To the contrary, in late June 2001, in the one IRU negotiation in which I recall personal involvement, I killed a $680 million transaction because it did not meet Qwest's business or financial goals, and I told three Board members that, as a result, there was a possibility that Qwest would not meet its budget for the second quarter.  That same year, on September 10, 2001,  I announced to our investors and the analyst community that Qwest was lowering its guidance for the third quarter and the balance of 2001 due to softening market conditions across Qwest's business, including a foreseen drop in the company's sales of IRUs.  And I subsequently recommended to the Compensation Committee on two occasions that we lower the financial targets that were used to determine employee bonuses, because I did not want to punish our workforce for a sagging economy. 

Furthermore, I never suggested that unethical conduct of any kind would be tolerated.  During my tenure as CEO, I believe all company employees, from senior managers to sales personnel, were required to act in compliance with Qwest's Code of Conduct.  The Qwest Code of Conduct is a set of guidelines demanding the highest levels of ethics and responsibility, including specific directives against falsifying financial records or using unethical or deceptive means to make sales.  It is my understanding that in appropriate cases, employees found to have engaged in unethical or illegal conduct were disciplined, discharged, and in some cases referred to law enforcement authorities for prosecution.  Recent suggestions that Qwest's workers operated in an ethical vacuum cast an undeserved stigma upon the company's 55,000 men and women who built one of the most robust and diverse telecommunications companies in the country. 

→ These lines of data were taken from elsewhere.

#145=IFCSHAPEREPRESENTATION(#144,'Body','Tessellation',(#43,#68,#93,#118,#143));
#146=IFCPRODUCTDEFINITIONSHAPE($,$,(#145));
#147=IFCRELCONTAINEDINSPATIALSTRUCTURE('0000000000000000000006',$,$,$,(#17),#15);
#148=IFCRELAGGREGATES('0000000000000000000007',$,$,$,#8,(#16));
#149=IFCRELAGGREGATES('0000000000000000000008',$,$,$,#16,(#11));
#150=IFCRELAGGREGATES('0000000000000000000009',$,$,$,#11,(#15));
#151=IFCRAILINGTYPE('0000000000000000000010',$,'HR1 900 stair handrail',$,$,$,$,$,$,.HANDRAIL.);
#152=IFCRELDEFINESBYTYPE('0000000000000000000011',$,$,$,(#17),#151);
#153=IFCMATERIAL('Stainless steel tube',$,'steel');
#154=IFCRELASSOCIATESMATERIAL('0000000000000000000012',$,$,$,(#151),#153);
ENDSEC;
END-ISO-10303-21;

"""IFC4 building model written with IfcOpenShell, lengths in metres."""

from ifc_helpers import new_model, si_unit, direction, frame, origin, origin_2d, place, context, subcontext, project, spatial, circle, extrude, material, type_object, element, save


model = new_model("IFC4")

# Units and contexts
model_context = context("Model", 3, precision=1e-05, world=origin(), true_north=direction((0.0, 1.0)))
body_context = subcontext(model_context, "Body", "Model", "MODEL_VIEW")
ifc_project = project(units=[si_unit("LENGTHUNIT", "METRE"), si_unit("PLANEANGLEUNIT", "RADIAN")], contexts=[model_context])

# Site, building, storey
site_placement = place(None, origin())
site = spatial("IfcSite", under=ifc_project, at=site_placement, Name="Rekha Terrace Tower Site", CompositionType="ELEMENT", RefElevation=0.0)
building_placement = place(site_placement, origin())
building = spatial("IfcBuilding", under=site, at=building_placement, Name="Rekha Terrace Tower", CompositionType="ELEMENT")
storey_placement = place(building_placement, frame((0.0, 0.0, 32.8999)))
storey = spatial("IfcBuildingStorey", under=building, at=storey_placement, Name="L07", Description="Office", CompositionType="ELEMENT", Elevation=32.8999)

It is true that I earned significant compensation from the sale of Qwest stock.  The compensation I received as CEO was honestly come by.  I paid full taxes on it.  I worked my entire 32-year career in the telecom industry as an engineer, a marketing executive, and then a senior executive.  I was not born into wealth.  I want this Committee to know, as the press has seen fit to ignore, that my stock sales derived from stock options granted in 1997 that carried a 5-and-a-half year maturity, leaving me with the choice of exercising the options or losing them entirely.  I sold shares based upon the advice of my financial advisors in order to diversify my holdings.  Yet I have always remained heavily invested in Qwest, and today I still hold 470,000 Qwest shares.  When I sold shares, I did so in full compliance with all applicable regulations, and with all necessary and appropriate disclosures to the SEC and the Board of Directors.  I always believed in the value of the company, and when I eventually implemented a daily stock-selling plan, I placed a stop order at 38 dollars, a stop order that I never lifted.  As a result, once Qwest stock dropped below 38 dollars in May 2001, I never exercised my remaining options, roughly two thirds of those I was granted from Qwest, and I never sold a single share of Qwest stock. 

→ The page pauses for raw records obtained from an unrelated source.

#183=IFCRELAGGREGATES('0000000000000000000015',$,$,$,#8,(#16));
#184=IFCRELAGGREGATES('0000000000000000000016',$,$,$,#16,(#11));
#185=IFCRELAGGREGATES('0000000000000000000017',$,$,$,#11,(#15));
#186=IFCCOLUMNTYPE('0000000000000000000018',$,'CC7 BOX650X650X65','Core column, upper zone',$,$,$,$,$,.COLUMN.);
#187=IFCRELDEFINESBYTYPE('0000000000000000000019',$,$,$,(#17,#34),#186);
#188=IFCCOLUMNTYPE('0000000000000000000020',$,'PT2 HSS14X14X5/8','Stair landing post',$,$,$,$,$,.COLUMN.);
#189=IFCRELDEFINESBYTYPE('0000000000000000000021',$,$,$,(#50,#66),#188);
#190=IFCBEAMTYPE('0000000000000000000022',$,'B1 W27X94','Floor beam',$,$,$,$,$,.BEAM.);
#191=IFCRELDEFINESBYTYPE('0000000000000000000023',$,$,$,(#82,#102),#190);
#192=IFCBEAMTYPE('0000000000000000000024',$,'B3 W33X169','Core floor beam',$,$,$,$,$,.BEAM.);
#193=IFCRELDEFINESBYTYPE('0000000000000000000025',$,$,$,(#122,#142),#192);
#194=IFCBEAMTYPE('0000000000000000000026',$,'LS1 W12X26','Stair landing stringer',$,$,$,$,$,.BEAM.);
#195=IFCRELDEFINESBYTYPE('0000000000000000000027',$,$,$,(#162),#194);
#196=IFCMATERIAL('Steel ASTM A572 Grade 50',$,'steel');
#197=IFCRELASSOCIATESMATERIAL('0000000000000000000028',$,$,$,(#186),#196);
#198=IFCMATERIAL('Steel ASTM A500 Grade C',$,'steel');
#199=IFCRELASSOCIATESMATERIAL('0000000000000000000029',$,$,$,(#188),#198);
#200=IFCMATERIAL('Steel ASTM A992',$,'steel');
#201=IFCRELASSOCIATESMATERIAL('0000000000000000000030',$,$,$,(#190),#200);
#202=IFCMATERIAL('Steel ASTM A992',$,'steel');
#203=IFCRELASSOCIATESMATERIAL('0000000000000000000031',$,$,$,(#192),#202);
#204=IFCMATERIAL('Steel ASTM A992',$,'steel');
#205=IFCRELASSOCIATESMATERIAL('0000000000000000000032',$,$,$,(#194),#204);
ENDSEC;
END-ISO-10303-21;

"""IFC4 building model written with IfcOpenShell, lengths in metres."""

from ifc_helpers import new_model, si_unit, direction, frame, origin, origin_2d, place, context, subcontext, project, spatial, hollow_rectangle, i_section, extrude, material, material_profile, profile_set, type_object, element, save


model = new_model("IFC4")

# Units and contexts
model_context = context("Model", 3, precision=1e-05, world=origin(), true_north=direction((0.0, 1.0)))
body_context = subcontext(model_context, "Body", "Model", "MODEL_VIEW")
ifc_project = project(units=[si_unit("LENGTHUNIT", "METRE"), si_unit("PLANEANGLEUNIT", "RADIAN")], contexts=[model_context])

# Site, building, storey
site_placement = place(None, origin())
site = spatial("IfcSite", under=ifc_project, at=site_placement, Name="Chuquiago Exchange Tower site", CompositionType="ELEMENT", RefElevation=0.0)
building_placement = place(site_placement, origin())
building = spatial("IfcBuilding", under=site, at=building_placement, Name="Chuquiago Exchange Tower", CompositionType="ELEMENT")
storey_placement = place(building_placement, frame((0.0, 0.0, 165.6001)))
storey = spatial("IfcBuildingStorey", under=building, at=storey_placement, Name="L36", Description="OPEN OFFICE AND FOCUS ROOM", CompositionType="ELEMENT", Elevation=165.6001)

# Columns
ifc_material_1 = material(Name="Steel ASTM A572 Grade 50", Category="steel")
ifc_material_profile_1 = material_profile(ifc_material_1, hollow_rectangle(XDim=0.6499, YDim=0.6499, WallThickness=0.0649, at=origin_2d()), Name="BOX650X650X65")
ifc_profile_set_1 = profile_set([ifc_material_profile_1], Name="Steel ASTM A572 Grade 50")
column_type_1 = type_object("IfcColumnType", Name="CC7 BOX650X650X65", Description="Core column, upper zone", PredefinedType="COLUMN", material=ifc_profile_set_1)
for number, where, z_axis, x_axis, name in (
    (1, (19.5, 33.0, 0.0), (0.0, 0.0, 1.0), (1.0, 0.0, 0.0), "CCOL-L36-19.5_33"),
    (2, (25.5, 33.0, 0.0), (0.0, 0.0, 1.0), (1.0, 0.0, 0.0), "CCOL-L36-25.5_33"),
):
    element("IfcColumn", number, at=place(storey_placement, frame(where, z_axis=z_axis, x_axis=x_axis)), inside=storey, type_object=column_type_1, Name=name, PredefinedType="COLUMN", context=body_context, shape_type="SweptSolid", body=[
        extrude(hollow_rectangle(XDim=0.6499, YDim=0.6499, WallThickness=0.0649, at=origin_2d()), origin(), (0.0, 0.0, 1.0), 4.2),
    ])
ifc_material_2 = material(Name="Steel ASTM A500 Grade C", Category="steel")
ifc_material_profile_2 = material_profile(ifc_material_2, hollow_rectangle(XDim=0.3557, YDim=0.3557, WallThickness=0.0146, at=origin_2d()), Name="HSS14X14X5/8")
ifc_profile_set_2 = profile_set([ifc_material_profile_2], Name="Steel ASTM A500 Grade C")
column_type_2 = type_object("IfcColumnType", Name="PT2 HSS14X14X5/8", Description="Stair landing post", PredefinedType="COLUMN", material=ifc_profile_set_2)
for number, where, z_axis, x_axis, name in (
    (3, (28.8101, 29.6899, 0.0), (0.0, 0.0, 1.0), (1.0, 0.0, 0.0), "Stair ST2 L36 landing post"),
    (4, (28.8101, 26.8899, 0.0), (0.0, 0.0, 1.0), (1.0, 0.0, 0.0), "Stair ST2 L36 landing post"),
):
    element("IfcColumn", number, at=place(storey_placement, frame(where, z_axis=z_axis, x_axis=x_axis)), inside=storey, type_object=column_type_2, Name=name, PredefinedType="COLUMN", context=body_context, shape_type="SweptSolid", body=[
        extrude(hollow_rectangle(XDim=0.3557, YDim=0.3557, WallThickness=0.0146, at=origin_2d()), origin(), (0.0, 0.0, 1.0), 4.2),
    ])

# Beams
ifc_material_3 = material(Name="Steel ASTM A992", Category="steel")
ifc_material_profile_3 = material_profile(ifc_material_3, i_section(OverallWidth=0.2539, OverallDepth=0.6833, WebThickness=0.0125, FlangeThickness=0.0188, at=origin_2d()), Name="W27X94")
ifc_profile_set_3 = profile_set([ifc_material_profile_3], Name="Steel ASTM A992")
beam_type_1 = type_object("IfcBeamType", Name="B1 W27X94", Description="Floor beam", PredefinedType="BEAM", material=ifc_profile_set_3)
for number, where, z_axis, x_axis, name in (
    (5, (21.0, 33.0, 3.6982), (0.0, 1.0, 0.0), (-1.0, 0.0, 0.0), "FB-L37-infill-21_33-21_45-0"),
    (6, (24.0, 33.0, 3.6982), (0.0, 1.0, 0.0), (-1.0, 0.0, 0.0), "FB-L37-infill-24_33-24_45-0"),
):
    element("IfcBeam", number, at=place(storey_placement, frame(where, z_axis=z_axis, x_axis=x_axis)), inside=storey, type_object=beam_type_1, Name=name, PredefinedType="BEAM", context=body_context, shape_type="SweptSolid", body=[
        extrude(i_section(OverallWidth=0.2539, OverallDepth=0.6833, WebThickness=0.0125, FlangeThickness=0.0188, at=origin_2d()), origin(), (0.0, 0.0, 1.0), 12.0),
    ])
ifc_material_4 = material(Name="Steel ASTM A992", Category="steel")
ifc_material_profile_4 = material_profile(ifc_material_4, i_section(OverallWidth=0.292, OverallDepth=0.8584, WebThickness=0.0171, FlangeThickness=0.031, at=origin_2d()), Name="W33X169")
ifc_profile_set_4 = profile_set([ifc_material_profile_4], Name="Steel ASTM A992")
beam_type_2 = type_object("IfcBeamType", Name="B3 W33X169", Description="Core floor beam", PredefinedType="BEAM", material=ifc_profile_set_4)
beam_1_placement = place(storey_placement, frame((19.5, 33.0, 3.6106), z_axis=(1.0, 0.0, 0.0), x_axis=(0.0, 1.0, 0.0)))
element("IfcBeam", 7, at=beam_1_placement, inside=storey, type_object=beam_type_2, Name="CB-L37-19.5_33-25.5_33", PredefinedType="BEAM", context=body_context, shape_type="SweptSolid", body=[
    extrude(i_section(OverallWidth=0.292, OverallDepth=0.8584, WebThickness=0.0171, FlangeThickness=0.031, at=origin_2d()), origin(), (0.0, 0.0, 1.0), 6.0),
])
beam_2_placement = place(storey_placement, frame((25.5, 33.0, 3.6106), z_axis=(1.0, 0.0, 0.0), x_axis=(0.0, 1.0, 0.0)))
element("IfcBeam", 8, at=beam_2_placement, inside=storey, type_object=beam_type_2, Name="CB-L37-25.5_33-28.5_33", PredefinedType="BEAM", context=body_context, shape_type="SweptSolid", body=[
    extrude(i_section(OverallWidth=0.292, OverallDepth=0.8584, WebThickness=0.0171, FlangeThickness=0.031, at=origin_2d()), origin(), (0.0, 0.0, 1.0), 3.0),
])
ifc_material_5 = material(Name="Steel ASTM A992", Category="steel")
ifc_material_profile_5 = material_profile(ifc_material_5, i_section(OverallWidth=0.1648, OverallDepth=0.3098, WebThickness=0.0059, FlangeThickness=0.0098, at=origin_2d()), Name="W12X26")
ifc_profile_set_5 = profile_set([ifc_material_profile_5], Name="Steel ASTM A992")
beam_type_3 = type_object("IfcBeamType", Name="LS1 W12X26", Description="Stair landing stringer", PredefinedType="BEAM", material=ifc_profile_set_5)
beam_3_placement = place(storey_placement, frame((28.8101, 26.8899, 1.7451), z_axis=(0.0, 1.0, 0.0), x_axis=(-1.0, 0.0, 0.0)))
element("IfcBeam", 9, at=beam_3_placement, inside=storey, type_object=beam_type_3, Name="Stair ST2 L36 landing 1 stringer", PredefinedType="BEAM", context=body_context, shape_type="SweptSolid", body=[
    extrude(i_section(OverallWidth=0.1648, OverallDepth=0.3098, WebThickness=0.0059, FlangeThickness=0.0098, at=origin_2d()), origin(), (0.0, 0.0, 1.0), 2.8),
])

At any time I sold Qwest stock, I believed that the company's financial statements represented a full and accurate picture of its financial condition.  I regret that I was unable to complete the job of building Qwest into the global telecommunications leader we had envisioned, and I am truly sorry for any losses suffered by Qwest's shareholders and for the thousands of Qwest employees who lost their jobs as the telecommunications industry and the company fell into hard times.  I now appear voluntarily before this honorable Committee to answer all of its questions completely and to the best of my ability.